SK hynix showcased its enhanced AiM1-based AI memory solution at the AI Infra Summit 2025 in Santa Clara, California from September 9–11, highlighting its technological leadership in future AI services.
1Accelerator-in-Memory (AiM): SK hynix’s Processing-in-Memory (PIM) semiconductor product name, which includes GDDR6-AiM.
SK hynix’s booth at the AI Infra Summit 2025
Global AI industry leaders in enterprise and research gathered at the summit to demonstrate the latest hardware and software infrastructure technologies. Formerly known as the AI Hardware & Edge AI Summit, the event attracted more than 3,500 attendees and over 100 partners under the slogan “Powering Fast, Efficient & Affordable AI”.
At the summit, SK hynix revealed the latest developments in its PIM2-based AiM solution, AiMX3. At its booth operated under the theme “Boost Your AI: AiM is What You All Need”, the company ran live demonstrations of a Supermicro server system (GPU SuperServer SYS-421GE-TNRT3) featuring two NVIDIA H100 GPUs and four of its AiMX cards. Visitors could see the system’s performance under real-world conditions, witnessing firsthand AiM’s technological capabilities and competitiveness.
2Processing-In-Memory (PIM): A next-generation memory technology that integrates computational capabilities into memory, addressing data movement bottlenecks in AI and big data processing.
3AiM-based Accelerator (AiMX): SK hynix’s accelerator card featuring a GDDR6-AiM chip which is specialized for large language models (LLMs) — AI systems such as ChatGPT trained on massive text datasets.

The demonstration also highlighted how to scale the memory wall4 in LLM5 inferences. In GPU-only systems, both compute-bound6 and memory-bound7 processes are handled together which can lead to inefficiencies as the user requests or context lengths increase. In contrast, an AiMX-based disaggregated inference system8 divides its workload into two distinct phases: the memory-bound stage executed on the AiMX accelerator and the compute-bound phase which runs on the GPU. This workload allocation enables the system to simultaneously process more user requests and longer input prompts.
4Memory wall: A bottleneck that occurs when memory access speed lags behind data processor speed.
5Large language model (LLM): An AI model trained on massive datasets that understands and generates natural language processing tasks.

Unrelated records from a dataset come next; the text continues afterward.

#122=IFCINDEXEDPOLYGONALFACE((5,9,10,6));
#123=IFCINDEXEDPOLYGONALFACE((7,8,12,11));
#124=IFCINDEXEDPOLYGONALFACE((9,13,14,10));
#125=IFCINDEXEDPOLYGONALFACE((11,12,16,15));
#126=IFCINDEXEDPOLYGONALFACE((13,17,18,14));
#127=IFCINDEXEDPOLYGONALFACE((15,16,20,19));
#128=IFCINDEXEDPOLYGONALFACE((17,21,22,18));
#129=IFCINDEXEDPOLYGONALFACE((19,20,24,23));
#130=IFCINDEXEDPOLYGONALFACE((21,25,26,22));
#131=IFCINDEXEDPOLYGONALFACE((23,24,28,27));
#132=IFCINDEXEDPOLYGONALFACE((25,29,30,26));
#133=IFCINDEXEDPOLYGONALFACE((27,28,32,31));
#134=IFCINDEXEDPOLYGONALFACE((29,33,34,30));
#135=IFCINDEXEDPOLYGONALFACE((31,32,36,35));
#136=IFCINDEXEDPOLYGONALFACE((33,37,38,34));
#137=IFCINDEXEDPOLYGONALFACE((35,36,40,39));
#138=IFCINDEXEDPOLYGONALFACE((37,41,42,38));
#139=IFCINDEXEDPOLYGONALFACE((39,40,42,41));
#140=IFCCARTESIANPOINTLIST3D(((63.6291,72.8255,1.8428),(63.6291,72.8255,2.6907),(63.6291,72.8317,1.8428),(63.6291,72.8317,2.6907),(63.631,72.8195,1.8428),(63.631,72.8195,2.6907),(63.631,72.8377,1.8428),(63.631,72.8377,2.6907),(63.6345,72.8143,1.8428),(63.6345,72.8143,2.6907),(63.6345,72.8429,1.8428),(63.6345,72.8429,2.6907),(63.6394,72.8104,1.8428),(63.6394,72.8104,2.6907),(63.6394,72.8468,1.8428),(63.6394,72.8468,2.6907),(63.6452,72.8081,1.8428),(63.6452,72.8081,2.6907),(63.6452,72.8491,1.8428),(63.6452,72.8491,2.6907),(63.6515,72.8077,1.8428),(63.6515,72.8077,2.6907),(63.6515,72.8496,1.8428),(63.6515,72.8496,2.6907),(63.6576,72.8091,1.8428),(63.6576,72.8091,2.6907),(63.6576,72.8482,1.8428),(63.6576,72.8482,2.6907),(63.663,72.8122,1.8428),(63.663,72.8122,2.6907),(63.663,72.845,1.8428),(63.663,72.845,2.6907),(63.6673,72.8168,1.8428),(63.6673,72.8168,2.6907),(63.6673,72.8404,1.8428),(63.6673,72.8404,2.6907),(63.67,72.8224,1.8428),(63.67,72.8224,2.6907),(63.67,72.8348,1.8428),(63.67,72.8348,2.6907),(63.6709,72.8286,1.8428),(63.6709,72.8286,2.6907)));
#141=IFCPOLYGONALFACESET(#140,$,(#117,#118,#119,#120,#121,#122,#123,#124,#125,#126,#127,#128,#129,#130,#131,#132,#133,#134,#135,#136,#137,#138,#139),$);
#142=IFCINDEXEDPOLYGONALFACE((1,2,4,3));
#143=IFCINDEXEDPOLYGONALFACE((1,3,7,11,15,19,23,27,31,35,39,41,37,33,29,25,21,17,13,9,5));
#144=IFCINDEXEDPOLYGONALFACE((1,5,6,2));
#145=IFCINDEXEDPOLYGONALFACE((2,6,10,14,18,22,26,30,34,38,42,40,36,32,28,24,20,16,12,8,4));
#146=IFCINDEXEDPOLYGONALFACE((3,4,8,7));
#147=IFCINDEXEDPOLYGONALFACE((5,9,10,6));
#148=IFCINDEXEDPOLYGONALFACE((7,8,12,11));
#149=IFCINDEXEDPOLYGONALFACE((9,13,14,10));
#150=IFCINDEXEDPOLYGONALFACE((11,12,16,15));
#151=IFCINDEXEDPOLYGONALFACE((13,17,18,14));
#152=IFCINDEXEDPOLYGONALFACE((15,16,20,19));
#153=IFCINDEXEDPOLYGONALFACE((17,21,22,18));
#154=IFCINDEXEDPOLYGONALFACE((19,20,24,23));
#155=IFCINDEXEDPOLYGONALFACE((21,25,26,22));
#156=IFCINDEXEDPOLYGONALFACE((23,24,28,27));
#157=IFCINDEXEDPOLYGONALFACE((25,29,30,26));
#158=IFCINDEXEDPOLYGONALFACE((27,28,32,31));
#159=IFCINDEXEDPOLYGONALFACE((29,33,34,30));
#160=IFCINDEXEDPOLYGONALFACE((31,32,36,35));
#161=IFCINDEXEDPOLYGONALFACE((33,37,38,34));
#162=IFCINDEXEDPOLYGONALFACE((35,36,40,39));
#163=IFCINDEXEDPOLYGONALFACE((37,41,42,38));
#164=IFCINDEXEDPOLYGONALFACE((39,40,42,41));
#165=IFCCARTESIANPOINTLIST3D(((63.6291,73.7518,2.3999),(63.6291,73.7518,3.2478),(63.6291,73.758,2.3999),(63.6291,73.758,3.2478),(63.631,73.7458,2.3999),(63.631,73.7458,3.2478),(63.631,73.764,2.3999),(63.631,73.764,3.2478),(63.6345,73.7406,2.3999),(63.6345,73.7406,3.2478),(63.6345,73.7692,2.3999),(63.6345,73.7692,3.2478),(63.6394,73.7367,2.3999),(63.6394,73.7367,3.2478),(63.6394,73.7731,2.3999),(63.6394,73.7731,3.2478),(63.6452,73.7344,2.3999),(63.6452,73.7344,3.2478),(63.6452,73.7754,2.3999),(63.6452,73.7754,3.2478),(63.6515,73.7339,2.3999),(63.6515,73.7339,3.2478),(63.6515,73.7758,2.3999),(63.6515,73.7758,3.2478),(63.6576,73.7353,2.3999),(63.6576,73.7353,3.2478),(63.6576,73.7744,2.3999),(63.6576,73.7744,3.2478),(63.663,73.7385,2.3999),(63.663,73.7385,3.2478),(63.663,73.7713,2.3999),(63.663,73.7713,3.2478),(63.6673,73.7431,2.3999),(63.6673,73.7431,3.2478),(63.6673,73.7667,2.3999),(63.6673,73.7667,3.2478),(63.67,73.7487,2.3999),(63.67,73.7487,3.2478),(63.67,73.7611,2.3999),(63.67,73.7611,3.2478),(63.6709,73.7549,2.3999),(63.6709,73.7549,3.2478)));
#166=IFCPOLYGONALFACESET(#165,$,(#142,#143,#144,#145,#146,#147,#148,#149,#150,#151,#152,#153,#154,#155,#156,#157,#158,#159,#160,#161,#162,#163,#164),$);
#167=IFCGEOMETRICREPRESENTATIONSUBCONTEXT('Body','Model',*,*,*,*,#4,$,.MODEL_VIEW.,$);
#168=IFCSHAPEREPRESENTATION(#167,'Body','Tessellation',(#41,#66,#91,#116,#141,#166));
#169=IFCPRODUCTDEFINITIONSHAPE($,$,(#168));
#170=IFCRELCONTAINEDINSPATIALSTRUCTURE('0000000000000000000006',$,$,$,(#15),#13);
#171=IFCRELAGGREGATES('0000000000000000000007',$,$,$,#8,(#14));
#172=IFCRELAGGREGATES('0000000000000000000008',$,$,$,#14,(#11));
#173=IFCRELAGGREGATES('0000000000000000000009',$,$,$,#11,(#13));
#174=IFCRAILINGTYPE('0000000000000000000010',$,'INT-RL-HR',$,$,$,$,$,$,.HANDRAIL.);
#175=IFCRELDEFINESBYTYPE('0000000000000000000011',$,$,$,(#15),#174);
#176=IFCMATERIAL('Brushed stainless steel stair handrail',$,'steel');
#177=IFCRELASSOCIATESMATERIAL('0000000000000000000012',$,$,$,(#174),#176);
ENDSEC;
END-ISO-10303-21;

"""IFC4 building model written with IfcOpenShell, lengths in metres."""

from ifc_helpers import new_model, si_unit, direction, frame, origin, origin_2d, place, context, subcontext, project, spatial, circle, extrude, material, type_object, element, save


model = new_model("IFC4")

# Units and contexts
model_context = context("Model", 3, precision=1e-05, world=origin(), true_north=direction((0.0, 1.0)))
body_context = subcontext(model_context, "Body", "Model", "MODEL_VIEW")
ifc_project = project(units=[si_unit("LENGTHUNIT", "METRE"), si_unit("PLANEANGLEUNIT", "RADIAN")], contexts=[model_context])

6Compute-bound: A workload in which the overall processing speed is limited by the processor’s computational capabilities.
7Memory-bound: A workload in which the overall processing speed is limited by memory access speed.
8Disaggregated inference system: An architecture that allocates computational tasks based on different types of processing units, enabling a dualized structure for processing operations.
The new AiMX card features updated architecture and software
SK hynix also introduced the software enhancements to its AiMX card. The application of the vLLM9 framework widely used in AI service development not only increased functionality but also provided stable support for long token generation, even in reasoning models10 that involve complex inference processes.
9Virtual large language model (vLLM): An AI framework designed for efficient and optimized LLM inference.
10Reasoning model: An advanced AI model that can perform complex reasoning tasks beyond simple prompt responses.
With its updated architecture and enhanced software, the new AiM-based solution addresses cost, performance, and power consumption challenges in LLM service management while also reducing operational costs compared to GPU-only systems.

On the second day of the event, Vice President Euicheol Lim, head of Solution Advanced Technology, took to the stage for a presentation. Titled “Memory/Storage: Crushing the Token Cost Wall of LLM Service: Attention Offloading11 With PIM – GPU Heterogeneous System,” Lim’s session outlined methods for cutting token processing costs in LLM services and highlighted AI memory technology’s impact on the industries’ digital transformation.
11Attention offloading: A technique in LLMs/transformer models that distributes or caches portions of attention computations to external memory devices, alleviating the workload on GPUs or main memory.
The AI Infra Summit 2025 showcased the current state of AI infrastructure, spanning from hardware to data centers and edge AI industries. Looking ahead, SK hynix is committed to strengthening its technological leadership by delivering emerging AI memory solutions which tackle the challenges of future AI services.